Hello all,I am new here but here is my story. I played college basketball and was on the way to a game and we were in the middle of nowhere. I must have gotten a stomach bug or something but I started to get diarrhea. On the bus there was not restroom and I knew I had to go. I found a restroom at the gas station and it was all liquid. When I got back on I knew we still had 2 hours and it was the most nerve racking and fearful experience ever. I feel from that day on I have had an intense fear of many situations. I get this fear that makes my whole body go numb anytime I feel rumblings in my stomach or think of riding somewhere with someone where it might be 45 minutes- and hour away and I will have an attack.

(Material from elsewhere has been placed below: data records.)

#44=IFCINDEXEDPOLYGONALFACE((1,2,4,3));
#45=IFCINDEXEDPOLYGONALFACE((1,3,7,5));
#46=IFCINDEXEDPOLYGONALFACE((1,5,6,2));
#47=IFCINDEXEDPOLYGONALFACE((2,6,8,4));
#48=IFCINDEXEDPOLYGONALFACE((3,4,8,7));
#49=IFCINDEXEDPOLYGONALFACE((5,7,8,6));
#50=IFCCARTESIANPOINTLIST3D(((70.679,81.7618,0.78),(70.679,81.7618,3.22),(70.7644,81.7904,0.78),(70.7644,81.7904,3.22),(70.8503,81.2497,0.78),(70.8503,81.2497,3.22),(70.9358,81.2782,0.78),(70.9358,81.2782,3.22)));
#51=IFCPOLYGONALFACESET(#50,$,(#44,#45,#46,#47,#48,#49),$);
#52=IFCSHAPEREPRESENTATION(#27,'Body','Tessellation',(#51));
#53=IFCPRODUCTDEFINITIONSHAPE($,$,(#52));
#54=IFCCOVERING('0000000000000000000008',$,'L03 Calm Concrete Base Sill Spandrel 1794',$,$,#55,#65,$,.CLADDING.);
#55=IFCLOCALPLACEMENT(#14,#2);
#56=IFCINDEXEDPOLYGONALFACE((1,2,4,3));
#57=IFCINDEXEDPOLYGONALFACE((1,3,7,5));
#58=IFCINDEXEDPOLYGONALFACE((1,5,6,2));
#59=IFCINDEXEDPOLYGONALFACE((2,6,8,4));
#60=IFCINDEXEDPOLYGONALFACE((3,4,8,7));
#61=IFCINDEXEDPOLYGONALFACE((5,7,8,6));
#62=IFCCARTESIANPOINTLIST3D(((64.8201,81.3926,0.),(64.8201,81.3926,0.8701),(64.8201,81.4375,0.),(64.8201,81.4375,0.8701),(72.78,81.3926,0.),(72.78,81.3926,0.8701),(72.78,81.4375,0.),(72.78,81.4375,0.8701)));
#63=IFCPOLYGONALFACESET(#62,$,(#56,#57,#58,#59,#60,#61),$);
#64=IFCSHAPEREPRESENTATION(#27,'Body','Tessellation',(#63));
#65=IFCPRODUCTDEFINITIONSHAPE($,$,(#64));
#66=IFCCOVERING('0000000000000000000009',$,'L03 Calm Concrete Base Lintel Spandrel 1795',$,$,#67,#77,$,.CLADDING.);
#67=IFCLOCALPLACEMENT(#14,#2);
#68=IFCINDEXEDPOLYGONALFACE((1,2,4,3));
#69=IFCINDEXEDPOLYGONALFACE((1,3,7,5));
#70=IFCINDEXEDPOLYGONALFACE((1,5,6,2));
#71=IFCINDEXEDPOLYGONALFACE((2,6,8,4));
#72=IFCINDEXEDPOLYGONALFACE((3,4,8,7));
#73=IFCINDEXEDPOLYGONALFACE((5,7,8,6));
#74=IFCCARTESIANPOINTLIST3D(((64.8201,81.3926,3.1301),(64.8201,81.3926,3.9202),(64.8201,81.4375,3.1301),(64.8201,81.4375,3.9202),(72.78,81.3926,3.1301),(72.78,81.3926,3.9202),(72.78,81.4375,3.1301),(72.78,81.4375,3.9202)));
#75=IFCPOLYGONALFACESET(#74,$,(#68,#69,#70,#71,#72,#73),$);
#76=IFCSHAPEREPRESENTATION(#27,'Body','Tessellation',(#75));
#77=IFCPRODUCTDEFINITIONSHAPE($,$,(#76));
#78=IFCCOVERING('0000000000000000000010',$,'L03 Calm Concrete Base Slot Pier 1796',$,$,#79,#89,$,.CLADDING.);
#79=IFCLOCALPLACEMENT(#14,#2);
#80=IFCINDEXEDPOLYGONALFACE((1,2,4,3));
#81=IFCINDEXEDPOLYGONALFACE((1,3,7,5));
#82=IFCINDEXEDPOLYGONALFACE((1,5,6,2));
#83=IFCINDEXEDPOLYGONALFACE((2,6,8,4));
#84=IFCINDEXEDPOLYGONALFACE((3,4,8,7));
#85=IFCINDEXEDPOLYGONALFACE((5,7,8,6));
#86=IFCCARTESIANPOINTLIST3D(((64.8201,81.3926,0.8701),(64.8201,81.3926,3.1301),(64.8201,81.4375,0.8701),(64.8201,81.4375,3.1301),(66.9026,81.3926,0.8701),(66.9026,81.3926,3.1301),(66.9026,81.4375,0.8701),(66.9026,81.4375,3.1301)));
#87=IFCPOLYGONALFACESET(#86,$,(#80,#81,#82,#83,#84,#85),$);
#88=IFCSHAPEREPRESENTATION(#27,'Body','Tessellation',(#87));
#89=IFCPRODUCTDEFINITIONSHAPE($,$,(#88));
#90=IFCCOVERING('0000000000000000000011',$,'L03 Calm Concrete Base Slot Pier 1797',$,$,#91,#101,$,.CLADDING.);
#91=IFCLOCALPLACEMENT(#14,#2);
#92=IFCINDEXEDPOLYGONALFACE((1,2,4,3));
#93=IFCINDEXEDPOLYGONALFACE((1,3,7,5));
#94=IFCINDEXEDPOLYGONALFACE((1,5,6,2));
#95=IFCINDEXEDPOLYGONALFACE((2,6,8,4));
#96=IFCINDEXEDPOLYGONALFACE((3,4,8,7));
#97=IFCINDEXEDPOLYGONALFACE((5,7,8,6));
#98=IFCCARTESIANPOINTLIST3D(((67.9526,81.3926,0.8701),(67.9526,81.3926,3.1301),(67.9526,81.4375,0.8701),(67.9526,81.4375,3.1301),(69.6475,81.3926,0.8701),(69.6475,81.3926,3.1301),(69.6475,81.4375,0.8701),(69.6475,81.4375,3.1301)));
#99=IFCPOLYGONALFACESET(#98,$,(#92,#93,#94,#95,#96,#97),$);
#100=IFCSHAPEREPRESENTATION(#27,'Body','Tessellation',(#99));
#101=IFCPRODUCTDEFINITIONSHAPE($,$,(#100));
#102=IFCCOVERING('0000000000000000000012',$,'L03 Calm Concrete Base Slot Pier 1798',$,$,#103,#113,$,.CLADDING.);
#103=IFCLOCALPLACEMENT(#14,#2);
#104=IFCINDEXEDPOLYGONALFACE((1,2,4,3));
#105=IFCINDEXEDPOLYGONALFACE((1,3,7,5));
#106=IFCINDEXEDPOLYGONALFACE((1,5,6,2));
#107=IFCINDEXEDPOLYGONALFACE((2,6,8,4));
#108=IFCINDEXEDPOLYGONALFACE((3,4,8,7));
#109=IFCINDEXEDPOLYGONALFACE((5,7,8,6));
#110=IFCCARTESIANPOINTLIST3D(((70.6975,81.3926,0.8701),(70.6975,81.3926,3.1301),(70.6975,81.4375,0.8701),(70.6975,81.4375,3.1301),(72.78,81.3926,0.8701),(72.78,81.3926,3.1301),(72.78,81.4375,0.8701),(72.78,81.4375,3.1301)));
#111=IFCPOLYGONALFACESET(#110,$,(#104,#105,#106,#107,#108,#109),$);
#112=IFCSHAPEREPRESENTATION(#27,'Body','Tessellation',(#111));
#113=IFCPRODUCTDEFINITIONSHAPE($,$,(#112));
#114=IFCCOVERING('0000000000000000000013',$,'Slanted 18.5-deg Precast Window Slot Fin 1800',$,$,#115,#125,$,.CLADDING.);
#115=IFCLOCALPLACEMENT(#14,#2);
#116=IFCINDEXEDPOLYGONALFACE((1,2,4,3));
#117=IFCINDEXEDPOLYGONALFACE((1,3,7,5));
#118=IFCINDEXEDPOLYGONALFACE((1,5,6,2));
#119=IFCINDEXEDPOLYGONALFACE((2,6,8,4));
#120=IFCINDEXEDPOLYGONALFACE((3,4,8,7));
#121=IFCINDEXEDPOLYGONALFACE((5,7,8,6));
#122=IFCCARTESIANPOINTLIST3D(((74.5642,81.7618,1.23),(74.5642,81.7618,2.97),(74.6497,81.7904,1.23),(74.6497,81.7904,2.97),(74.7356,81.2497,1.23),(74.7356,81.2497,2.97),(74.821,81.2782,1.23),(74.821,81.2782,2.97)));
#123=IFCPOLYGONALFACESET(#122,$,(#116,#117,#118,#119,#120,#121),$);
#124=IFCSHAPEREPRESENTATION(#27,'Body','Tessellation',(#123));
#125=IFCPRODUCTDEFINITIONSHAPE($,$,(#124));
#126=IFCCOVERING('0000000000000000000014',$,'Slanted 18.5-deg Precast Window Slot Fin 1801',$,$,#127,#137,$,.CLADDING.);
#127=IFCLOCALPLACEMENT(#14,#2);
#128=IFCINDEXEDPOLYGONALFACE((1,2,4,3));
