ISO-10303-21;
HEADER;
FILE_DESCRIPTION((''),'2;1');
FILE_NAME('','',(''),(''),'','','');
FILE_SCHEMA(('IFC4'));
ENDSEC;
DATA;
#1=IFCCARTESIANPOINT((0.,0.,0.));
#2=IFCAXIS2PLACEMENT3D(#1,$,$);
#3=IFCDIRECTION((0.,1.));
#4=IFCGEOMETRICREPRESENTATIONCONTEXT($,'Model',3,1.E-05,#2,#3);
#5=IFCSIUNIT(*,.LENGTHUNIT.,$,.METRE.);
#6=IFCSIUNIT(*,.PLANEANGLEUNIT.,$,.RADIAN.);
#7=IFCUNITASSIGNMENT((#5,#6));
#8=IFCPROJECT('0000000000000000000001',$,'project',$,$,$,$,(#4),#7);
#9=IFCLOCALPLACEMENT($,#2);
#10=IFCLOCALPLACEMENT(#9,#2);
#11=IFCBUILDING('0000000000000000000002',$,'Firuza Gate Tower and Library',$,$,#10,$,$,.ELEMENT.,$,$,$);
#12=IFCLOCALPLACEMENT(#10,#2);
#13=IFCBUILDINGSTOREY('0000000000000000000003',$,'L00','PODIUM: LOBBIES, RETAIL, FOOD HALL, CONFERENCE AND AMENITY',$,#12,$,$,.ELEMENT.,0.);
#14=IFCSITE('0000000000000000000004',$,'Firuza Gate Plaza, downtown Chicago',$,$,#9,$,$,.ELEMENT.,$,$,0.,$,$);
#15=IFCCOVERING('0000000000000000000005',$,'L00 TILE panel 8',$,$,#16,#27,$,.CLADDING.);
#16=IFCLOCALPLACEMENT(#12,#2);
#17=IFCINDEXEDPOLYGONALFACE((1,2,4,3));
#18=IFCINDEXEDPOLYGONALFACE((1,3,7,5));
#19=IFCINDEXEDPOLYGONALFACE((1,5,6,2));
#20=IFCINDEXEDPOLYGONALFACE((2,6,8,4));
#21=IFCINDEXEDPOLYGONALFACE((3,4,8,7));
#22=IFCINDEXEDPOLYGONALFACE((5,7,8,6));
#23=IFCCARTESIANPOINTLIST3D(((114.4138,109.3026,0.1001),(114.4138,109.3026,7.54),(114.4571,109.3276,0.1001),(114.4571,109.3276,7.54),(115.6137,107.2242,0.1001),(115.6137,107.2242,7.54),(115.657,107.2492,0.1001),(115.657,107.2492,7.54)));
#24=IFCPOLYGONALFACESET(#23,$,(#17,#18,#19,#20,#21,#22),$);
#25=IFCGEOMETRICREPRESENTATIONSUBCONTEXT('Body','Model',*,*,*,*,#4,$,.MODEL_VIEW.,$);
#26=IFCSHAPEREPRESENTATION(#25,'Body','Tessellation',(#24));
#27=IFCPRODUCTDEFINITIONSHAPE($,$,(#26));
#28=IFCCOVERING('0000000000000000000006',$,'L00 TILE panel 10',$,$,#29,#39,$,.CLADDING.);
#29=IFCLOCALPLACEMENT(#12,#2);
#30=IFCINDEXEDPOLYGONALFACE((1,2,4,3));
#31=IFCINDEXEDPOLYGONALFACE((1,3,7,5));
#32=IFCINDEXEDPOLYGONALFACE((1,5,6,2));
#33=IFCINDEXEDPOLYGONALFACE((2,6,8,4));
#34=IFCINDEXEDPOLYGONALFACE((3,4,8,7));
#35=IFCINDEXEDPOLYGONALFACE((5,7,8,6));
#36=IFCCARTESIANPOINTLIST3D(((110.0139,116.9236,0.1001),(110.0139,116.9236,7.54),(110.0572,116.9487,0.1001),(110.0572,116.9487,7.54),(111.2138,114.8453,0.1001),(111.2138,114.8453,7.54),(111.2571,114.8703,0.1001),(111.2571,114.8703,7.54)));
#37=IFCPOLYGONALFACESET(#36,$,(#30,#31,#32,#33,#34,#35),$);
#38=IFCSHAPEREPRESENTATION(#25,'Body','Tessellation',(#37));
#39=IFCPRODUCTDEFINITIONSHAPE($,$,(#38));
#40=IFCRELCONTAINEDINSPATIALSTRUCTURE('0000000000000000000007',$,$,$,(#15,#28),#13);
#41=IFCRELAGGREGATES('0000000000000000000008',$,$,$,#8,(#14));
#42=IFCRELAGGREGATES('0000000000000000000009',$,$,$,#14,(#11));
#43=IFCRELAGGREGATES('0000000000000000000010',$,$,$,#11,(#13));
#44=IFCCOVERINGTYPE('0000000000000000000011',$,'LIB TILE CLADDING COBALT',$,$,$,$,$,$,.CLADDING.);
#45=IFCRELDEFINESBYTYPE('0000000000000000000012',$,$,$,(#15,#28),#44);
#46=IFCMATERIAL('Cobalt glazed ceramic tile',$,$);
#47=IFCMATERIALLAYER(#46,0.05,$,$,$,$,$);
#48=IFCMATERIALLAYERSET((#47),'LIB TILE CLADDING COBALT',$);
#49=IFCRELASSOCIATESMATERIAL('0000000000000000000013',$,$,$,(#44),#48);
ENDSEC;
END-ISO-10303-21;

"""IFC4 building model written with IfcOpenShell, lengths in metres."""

from ifc_helpers import new_model, si_unit, direction, frame, origin, origin_2d, place, context, subcontext, project, spatial, rectangle, extrude, material, layer, layer_set, type_object, element, save


model = new_model("IFC4")

# Units and contexts
model_context = context("Model", 3, precision=1e-05, world=origin(), true_north=direction((0.0, 1.0)))
body_context = subcontext(model_context, "Body", "Model", "MODEL_VIEW")
ifc_project = project(units=[si_unit("LENGTHUNIT", "METRE"), si_unit("PLANEANGLEUNIT", "RADIAN")], contexts=[model_context])

# Site, building, storey
site_placement = place(None, origin())
site = spatial("IfcSite", under=ifc_project, at=site_placement, Name="Firuza Gate Plaza, downtown Chicago", CompositionType="ELEMENT", RefElevation=0.0)
building_placement = place(site_placement, origin())
building = spatial("IfcBuilding", under=site, at=building_placement, Name="Firuza Gate Tower and Library", CompositionType="ELEMENT")
storey_placement = place(building_placement, origin())
storey = spatial("IfcBuildingStorey", under=building, at=storey_placement, Name="L00", Description="PODIUM: LOBBIES, RETAIL, FOOD HALL, CONFERENCE AND AMENITY", CompositionType="ELEMENT", Elevation=0.0)

# Coverings
ifc_material_1 = material(Name="Cobalt glazed ceramic tile")
ifc_layer_1 = layer(ifc_material_1, 0.05)
ifc_layer_set_1 = layer_set([ifc_layer_1], Name="LIB TILE CLADDING COBALT")
covering_type_1 = type_object("IfcCoveringType", Name="LIB TILE CLADDING COBALT", PredefinedType="CLADDING", material=ifc_layer_set_1)
for number, where, z_axis, x_axis, name in (
    (1, (115.0354, 108.2759, 0.1001), (0.0, 0.0, 1.0), (-0.5, 0.866025, 0.0), "L00 TILE panel 8"),
    (2, (110.6355, 115.897, 0.1001), (0.0, 0.0, 1.0), (-0.5, 0.866025, 0.0), "L00 TILE panel 10"),
):
    element("IfcCovering", number, at=place(storey_placement, frame(where, z_axis=z_axis, x_axis=x_axis)), inside=storey, type_object=covering_type_1, Name=name, PredefinedType="CLADDING", context=body_context, shape_type="SweptSolid", body=[
        extrude(rectangle(XDim=2.3999, YDim=0.05, at=origin_2d()), origin(), (0.0, 0.0, 1.0), 7.4399),
    ])

save(model, "model.ifc")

It hasnt really happened lately but there are times where my stomach hurts really bad and I will get nervous and that is when the diarrhea comes on. It doesnt happen everytime but I feel the fear of it is causing most of it and really holding me back. I feel like such an outcast with it and it is so embarrassing. I am tired of it taking over my life.Scott


----------



## refuse to live this way (Apr 25, 2012)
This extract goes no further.